“家父说过,南国于山见泰山巍峨,于水见洞庭万顷,于人则要见相王殿下。小臣此来,虽无暇泛舟洞庭,却瞻仰泰山与殿下风采,心满意足。”
王览静默,超然而笑,他的眼睛濯濯,清光四射。他亲切的拍了拍杜言麟的肩膀:“上天造化,南北均分。南有泰山,北有昆仑。南有长江,北有黄河。陛下有览,你们主上,不是有杜侍中吗?”
杜言麟忙说:“小臣粗鄙,不敢当。”
王览不语,展开手里的折扇,问杜言麟:“杜侍中,这你认得吗?”
我已经猜出王览的意思,也料到了杜言麟的反应。因为,那扇面上,是当年杜省身亲自留下的墨迹。上书八个大字:“无心者公,无我者明”。
杜言麟目中灵光一闪,点头说:“这是家父遗墨。”
王览和蔼的面上更加澄然:“是啊。我们都不过是为臣子的,王览只愿与侍中同心。促成此次南北聚会。南北早日开通航道,恢复贸易,也是为天下苍生计。”
杜言麟对王览庄严的欠身:“相王殿下,小臣自当竭力 。”
王览将扇递给他:“此扇随我多年,今天赠给你,也算是物归原主。”
待杜言麟走后,王览问我:“此人比鉴容,如何?”
我笑了:“杜言麟少些风流气,多几分力度。

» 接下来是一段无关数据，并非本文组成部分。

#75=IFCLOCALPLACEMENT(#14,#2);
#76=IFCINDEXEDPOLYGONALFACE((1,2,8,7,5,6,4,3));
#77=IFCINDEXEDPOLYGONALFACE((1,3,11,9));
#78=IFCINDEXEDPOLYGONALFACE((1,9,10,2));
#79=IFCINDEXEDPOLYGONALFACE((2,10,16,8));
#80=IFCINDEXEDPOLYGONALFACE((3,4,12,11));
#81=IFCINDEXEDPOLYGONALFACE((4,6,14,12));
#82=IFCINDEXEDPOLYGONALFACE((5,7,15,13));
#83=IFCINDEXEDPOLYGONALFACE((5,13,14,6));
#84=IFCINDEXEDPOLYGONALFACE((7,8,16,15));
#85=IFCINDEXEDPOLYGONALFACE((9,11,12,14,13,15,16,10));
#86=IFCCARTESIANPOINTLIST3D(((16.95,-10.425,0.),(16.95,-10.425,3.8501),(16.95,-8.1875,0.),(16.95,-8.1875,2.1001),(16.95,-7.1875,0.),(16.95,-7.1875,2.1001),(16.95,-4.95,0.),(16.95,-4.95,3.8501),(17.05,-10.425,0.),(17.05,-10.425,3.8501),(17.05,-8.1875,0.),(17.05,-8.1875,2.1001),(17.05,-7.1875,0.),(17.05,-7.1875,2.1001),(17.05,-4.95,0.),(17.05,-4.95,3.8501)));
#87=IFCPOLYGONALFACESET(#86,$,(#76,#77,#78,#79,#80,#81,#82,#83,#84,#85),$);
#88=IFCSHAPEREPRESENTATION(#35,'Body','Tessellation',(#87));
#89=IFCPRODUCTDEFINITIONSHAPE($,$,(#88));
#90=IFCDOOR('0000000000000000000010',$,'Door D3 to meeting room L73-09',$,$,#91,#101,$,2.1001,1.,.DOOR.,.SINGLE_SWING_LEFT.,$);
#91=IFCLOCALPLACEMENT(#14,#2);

恐怕,我们的南华,不如北杜。”
王览凝望山河图,怡然自若:“未必。如今杜言麟好比是块魏碑,端方浑厚。鉴容是晋人书帖,巧妙风雅。外人观此气势自是杜占先,可若干年后,北杜说不定会以与南华并列自豪。”
月到天心,大地宁寂。王览对我展颜而笑,正大光明,全在他处。